Un tale cast solo ed esclusivamente sulla carta poteva essere la riedizione di uno che quasi un secolo fa proponeva Lohengrin. Che fosse nei paesi di lingua tedesca, francese, russa o italiana, che il protagonista si chiamasse Jacques Urlus, Hermann Jadlowker, Leo Slezak, Karl Jorn, Nicolai Figner, Paul Franz, Florencio Constantino, Fiorello Giraud, Giuseppe Borgatti tanto per citare quelli di levatura storica. Alla resa dei conti ovvero dopo un attento ascolto abbiamo i due “amorosi” che gridano in alto, benché pochi acuti la parte preveda per entrambi (e nonostante la soppressione del concertato, che segue il racconto del Graal, riduca ulteriormente i rischi per la primadonna) e che soprattutto stentano a legare, limite assai maggior che non gli acuti strillati perché le parti prima di tutto suono di qualità morbido e rotondo e legato anche nei momenti più tesi (incontro Ortruda – Elsa all’atto secondo, scena del matrimonio, chiusa del duetto della camera) pretendono. Nel dettaglio basta ascoltare la chiusura del cosiddetto sogno di Elsa dove la linea di canto è scomposta o l’assolo in traduzione “dolci aurette che spirate” e tutta la lunga scena della stanza dove la Netrebko appare stanca e dove la dizione latita (peccato veniale in altro repertorio, non in questo, in cui il testo è consustanziale alla musica). Lascia molto perplessi che un soprano che ha cantato, apparentemente senza incidenti, Lady Macbeth ed anche Manon sia in affanno al concertato, che chiude il secondo atto. Ai due assoli di Elsa, dove le cantanti di scuola italiana (come le loro omologhe mitteleuropee) montano in cattedra per accento casto ed ispirato nel contempo, morbidezza di suono, legato e gioco dinamico, la cantante russa è piatta e, come sempre, stenta a legare le singole frasi.

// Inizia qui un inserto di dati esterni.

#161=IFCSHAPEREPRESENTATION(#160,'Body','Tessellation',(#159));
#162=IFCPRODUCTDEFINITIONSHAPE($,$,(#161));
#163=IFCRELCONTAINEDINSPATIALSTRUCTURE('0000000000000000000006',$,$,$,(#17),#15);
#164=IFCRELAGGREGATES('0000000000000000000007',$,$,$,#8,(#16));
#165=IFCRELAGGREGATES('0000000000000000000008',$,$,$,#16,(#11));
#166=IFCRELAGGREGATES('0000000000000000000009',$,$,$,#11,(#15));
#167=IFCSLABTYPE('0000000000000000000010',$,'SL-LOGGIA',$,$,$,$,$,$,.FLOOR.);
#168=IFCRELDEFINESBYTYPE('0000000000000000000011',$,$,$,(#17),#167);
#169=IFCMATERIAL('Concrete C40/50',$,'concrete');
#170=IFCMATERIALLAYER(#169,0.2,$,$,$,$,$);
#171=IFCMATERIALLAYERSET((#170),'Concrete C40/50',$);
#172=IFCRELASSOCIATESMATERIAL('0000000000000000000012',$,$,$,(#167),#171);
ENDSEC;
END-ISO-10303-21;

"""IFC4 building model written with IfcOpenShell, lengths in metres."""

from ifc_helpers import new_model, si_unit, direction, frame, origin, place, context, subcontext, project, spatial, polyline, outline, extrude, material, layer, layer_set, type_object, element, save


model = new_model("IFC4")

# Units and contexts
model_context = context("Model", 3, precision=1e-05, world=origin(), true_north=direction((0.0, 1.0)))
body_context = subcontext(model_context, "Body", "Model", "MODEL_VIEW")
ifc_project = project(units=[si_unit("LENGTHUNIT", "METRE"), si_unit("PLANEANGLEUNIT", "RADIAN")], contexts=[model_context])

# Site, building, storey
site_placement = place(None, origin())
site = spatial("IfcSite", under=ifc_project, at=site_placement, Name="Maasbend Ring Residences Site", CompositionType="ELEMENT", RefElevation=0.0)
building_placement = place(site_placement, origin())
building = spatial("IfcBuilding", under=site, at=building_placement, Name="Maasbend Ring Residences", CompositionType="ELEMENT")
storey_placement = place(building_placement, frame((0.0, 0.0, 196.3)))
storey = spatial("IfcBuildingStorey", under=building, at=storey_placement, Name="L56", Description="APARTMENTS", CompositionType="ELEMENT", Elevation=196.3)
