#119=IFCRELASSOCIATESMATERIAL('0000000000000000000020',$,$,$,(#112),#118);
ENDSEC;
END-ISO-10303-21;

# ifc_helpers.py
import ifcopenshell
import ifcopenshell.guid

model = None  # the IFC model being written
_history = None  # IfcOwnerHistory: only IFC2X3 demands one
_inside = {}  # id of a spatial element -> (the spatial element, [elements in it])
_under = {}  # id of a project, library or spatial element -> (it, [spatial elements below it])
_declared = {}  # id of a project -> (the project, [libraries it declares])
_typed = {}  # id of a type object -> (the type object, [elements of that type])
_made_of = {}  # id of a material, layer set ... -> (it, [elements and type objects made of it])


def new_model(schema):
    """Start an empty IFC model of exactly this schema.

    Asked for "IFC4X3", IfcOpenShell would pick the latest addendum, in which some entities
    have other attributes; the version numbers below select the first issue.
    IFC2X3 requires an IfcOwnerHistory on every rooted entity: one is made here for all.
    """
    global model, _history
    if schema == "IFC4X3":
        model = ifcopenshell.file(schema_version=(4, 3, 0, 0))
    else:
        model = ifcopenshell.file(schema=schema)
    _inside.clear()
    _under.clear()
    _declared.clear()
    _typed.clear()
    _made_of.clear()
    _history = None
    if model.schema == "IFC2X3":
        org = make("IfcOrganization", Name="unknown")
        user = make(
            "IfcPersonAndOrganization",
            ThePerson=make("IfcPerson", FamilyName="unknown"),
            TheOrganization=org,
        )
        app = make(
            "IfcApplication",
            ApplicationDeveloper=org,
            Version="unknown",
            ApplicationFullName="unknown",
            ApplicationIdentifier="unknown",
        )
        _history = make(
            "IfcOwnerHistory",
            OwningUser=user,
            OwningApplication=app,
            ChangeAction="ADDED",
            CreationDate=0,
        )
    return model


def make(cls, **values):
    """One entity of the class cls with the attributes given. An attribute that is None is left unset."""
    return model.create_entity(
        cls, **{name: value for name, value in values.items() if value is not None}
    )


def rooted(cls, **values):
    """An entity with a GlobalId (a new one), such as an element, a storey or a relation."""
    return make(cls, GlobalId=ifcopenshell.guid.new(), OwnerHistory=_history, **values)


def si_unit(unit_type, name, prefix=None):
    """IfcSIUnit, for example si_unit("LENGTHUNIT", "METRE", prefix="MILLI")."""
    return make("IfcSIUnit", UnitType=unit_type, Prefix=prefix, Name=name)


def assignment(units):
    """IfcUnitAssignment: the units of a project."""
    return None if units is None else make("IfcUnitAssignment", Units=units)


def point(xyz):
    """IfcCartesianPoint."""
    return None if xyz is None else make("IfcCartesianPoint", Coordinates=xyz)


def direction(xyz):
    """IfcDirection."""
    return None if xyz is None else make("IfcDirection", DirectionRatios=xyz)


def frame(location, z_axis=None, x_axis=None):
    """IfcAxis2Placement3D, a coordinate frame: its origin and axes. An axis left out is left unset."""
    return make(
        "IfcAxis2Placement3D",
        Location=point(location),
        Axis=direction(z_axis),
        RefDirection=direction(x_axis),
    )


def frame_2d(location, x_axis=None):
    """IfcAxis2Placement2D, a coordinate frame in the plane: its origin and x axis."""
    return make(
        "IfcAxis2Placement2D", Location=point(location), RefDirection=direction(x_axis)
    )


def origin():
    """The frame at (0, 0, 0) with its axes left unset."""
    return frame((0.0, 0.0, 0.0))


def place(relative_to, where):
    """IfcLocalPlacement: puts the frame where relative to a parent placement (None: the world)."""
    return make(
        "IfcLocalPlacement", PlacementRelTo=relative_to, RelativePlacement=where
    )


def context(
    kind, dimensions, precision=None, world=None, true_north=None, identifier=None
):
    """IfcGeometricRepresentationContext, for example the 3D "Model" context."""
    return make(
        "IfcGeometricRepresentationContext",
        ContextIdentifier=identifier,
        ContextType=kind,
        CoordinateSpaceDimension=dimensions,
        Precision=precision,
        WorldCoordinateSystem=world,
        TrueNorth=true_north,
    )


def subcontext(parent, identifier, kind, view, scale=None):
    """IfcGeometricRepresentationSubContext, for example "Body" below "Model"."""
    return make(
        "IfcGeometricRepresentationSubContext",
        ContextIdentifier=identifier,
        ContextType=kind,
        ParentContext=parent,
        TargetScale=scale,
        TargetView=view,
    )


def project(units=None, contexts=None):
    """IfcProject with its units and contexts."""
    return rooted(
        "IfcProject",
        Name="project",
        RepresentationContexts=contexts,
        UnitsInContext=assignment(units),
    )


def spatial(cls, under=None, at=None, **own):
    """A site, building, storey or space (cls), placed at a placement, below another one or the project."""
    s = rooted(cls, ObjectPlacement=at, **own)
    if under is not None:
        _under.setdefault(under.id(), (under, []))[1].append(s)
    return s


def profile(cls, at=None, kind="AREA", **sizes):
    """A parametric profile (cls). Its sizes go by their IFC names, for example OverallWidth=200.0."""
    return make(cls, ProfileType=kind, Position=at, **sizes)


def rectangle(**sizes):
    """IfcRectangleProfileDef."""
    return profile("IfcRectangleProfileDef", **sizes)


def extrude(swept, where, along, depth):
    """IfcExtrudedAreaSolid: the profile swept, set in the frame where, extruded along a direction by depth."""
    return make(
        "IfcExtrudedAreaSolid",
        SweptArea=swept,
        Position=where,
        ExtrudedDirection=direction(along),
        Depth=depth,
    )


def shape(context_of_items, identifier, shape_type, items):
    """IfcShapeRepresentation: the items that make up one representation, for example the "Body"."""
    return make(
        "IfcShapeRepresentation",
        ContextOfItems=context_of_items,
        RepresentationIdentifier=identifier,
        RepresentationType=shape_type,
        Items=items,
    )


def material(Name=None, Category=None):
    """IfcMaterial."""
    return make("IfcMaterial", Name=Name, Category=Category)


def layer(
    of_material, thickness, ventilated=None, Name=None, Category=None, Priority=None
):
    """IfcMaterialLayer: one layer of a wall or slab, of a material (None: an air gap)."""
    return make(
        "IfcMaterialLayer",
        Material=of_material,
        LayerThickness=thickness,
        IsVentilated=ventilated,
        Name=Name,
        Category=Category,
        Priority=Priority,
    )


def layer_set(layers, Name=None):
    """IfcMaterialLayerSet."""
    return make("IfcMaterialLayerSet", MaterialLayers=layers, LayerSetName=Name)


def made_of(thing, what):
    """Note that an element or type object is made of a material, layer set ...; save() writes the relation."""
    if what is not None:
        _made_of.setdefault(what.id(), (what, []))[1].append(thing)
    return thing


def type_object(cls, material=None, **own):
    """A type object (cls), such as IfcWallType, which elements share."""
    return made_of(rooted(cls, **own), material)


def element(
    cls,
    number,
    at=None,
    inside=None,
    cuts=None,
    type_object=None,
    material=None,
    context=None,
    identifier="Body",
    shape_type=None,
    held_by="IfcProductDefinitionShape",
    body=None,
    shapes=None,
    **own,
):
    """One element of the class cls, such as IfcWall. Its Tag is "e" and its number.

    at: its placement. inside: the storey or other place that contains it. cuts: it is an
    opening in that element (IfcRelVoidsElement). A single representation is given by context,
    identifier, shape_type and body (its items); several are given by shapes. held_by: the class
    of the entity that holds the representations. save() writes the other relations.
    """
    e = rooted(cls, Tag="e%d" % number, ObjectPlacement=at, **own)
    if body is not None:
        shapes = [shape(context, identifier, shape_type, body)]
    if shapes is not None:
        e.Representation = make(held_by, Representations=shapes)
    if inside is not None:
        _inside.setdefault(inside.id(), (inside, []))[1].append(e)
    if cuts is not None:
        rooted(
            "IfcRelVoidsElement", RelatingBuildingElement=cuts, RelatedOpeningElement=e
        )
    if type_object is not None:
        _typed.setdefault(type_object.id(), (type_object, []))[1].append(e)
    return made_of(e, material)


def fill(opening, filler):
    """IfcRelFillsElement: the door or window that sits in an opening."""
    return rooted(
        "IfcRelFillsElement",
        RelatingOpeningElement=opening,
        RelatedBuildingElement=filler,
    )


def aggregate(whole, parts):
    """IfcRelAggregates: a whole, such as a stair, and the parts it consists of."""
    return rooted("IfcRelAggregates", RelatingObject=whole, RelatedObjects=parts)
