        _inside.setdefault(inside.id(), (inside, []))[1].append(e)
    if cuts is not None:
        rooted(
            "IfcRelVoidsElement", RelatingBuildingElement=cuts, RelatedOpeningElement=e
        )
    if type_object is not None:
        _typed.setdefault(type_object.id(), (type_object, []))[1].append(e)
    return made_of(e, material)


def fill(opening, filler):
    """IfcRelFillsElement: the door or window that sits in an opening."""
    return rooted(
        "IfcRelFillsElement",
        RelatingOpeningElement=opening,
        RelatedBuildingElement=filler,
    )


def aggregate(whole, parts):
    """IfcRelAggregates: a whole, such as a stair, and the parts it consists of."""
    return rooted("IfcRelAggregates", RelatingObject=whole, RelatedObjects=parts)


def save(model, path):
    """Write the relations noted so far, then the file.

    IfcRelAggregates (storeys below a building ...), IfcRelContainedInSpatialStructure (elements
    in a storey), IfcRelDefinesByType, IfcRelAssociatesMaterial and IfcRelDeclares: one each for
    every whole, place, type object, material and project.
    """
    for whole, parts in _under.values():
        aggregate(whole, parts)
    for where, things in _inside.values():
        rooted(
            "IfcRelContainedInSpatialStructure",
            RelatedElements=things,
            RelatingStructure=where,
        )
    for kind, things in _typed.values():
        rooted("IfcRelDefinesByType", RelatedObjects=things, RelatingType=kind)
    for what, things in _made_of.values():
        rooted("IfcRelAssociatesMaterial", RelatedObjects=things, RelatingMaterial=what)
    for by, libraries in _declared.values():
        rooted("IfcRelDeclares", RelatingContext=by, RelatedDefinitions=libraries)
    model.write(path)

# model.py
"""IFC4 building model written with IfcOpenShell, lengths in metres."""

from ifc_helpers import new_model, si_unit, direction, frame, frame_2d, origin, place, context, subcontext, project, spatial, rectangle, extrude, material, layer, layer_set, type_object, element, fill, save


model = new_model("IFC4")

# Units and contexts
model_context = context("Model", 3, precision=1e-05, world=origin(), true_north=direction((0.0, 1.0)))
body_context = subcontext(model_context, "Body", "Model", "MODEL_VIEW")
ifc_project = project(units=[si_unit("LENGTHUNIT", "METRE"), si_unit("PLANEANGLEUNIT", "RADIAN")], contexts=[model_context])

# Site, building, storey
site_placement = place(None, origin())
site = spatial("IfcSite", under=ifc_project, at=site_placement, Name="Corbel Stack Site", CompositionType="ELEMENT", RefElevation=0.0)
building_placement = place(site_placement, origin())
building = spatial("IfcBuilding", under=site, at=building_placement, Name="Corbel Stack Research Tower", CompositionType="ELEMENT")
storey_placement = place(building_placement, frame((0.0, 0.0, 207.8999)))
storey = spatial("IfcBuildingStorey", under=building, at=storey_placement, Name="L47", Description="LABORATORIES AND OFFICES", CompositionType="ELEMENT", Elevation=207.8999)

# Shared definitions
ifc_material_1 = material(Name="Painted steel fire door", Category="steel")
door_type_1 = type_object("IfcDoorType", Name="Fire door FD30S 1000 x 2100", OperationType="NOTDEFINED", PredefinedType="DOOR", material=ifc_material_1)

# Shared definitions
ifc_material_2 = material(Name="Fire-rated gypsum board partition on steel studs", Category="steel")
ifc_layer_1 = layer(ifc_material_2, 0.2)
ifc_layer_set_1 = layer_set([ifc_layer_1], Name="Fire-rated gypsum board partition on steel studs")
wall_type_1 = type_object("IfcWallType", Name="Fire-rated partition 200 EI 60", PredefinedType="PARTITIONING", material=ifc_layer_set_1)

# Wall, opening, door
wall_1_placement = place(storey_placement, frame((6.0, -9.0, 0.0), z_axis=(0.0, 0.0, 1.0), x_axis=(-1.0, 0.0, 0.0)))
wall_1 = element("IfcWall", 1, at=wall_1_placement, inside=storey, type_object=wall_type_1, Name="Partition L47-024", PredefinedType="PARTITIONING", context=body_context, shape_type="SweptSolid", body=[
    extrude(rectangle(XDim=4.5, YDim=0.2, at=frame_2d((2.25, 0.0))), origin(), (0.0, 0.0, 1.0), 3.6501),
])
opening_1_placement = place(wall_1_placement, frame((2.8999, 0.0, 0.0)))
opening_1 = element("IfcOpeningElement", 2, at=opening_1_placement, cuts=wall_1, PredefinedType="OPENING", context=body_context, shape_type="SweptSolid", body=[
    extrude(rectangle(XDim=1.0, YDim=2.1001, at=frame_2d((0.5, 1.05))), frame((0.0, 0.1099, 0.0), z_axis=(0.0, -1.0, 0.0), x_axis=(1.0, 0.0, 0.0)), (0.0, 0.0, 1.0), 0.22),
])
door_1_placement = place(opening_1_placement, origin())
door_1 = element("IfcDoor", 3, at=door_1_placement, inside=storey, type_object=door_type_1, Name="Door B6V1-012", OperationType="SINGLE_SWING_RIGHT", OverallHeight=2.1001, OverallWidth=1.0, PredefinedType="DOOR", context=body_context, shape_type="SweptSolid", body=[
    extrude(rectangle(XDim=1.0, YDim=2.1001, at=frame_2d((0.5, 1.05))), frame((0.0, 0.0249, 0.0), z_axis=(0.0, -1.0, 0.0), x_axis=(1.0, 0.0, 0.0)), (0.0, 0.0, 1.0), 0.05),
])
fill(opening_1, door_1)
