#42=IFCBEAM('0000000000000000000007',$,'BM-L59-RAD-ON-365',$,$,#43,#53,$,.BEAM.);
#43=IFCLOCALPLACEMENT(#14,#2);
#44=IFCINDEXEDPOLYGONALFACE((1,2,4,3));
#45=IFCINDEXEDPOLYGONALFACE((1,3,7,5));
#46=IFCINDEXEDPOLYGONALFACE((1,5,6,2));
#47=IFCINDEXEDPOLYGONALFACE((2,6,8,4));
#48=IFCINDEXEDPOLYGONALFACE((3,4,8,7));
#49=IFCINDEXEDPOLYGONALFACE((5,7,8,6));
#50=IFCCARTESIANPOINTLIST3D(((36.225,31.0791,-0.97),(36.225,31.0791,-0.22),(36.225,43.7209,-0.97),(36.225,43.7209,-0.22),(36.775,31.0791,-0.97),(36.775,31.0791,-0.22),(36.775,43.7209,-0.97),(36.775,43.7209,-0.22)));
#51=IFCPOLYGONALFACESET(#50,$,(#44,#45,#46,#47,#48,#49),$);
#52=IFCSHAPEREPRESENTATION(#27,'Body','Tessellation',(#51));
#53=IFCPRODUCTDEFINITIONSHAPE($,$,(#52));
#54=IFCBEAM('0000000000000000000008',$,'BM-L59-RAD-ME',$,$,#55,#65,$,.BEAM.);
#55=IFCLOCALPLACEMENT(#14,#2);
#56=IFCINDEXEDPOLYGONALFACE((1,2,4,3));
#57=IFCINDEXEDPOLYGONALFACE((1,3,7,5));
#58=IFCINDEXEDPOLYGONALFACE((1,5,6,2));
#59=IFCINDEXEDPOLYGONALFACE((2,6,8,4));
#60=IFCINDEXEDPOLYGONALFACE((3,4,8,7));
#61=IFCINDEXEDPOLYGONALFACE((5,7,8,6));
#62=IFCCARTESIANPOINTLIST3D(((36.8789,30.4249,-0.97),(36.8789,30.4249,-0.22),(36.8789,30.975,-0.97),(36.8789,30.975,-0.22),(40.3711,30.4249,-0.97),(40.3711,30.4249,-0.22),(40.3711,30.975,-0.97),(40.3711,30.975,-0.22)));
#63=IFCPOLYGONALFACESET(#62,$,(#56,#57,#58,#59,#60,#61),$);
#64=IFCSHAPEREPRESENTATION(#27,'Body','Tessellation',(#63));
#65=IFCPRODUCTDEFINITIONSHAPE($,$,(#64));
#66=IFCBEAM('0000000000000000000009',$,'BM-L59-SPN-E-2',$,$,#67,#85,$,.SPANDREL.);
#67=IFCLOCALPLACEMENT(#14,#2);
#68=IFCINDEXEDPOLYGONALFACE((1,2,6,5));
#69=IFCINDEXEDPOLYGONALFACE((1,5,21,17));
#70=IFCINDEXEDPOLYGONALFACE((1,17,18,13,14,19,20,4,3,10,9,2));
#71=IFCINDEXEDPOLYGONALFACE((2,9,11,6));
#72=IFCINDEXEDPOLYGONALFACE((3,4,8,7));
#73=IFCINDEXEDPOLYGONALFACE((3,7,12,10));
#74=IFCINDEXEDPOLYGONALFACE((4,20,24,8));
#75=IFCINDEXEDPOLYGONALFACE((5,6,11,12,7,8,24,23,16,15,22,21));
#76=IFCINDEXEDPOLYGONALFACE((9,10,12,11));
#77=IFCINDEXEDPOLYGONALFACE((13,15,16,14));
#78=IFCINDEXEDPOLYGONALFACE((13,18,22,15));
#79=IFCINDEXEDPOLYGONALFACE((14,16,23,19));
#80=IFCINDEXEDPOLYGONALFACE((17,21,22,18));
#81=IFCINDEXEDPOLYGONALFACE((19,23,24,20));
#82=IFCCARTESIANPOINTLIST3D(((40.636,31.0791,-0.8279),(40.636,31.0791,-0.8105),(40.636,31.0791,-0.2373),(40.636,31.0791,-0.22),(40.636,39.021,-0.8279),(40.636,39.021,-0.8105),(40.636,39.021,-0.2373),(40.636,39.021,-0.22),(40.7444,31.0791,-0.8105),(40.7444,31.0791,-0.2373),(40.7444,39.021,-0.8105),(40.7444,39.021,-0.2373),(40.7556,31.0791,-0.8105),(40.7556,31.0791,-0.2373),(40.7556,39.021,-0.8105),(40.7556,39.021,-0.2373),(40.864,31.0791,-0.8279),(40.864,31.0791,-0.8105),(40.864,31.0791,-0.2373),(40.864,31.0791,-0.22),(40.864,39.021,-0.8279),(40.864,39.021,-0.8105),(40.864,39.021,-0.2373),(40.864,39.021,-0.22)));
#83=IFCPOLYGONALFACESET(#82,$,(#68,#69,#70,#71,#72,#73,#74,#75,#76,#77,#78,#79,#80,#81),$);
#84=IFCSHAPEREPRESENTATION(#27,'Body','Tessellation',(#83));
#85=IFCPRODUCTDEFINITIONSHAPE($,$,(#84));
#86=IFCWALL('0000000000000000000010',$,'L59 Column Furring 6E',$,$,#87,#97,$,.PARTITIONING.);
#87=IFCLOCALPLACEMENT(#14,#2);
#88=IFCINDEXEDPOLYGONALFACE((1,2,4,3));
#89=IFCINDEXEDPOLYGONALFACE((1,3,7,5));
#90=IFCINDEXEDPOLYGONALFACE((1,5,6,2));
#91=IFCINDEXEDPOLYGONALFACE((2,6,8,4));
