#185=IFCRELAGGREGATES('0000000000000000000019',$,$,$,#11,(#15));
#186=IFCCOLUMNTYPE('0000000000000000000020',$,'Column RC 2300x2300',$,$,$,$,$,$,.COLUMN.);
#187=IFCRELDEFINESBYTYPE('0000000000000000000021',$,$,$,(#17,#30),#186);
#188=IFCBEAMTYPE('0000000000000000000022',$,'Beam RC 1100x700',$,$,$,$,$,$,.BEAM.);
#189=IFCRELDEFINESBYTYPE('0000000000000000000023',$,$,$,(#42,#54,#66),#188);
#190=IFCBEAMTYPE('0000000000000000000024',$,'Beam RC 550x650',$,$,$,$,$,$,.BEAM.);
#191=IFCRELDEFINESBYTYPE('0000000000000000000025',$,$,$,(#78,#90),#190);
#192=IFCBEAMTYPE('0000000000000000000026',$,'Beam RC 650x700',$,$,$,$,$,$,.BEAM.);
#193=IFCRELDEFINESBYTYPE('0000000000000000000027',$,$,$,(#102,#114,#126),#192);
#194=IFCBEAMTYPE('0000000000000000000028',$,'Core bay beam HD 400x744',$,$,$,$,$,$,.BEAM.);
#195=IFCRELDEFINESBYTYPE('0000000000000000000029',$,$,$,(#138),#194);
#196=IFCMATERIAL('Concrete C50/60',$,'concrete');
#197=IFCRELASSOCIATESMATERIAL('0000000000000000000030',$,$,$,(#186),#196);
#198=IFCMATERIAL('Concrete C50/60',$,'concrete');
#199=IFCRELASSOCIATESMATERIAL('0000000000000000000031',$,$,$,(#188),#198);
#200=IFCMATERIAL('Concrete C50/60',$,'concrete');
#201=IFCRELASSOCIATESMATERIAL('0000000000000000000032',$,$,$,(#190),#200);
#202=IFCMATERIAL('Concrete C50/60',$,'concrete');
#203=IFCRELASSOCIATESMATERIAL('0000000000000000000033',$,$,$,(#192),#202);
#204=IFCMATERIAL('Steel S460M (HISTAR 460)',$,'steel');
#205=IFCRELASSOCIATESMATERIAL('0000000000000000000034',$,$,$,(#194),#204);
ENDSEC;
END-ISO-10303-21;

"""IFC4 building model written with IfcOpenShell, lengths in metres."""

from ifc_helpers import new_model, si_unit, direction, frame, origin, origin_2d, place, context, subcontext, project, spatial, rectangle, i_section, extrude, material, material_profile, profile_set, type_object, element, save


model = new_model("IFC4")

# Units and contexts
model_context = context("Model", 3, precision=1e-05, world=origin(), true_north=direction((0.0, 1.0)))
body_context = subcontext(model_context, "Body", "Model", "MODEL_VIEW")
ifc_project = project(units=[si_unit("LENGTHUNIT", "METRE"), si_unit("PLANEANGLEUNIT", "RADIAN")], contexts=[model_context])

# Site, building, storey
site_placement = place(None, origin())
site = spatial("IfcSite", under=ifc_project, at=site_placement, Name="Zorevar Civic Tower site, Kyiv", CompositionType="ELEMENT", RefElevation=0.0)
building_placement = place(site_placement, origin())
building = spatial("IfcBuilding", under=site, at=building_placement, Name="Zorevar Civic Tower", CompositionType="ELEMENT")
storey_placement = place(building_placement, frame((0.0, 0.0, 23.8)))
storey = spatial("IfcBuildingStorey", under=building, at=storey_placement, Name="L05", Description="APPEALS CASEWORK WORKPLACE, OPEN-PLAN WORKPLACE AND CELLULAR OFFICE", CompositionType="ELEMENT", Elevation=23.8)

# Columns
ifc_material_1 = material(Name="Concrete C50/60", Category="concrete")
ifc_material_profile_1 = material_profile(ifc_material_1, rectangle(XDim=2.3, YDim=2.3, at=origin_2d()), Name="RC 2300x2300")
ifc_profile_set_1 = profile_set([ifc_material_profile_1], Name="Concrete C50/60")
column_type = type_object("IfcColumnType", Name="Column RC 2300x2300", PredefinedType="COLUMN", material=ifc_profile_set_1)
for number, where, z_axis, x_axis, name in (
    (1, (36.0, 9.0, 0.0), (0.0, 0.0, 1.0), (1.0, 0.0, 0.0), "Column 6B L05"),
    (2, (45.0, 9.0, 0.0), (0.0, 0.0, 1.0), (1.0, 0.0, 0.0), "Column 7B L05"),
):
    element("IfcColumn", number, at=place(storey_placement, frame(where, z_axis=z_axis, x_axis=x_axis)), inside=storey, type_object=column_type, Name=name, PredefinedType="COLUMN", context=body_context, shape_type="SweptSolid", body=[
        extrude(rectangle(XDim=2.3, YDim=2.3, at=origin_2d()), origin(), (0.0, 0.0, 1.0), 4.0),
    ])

Le cose non vanno meglio con il protagonista il quale anche in una parte relativamente centrale dimostra di non sapere “girare” la voce e quindi in alto (praticamente in ogni frase del racconto del Graal, che oltrepassi il sol) suona spesso afonoide e fisso. Difetto che si rivela particolarmente fastidioso quando il personaggio deve sfoggiare la natura semidivina e fors’anche asessuata (in questo nessuno supera l’interpretazione di Fleta) perché queste caratteristiche del personaggio e del canto mal si conciliano con suoni sgradevoli e stridenti.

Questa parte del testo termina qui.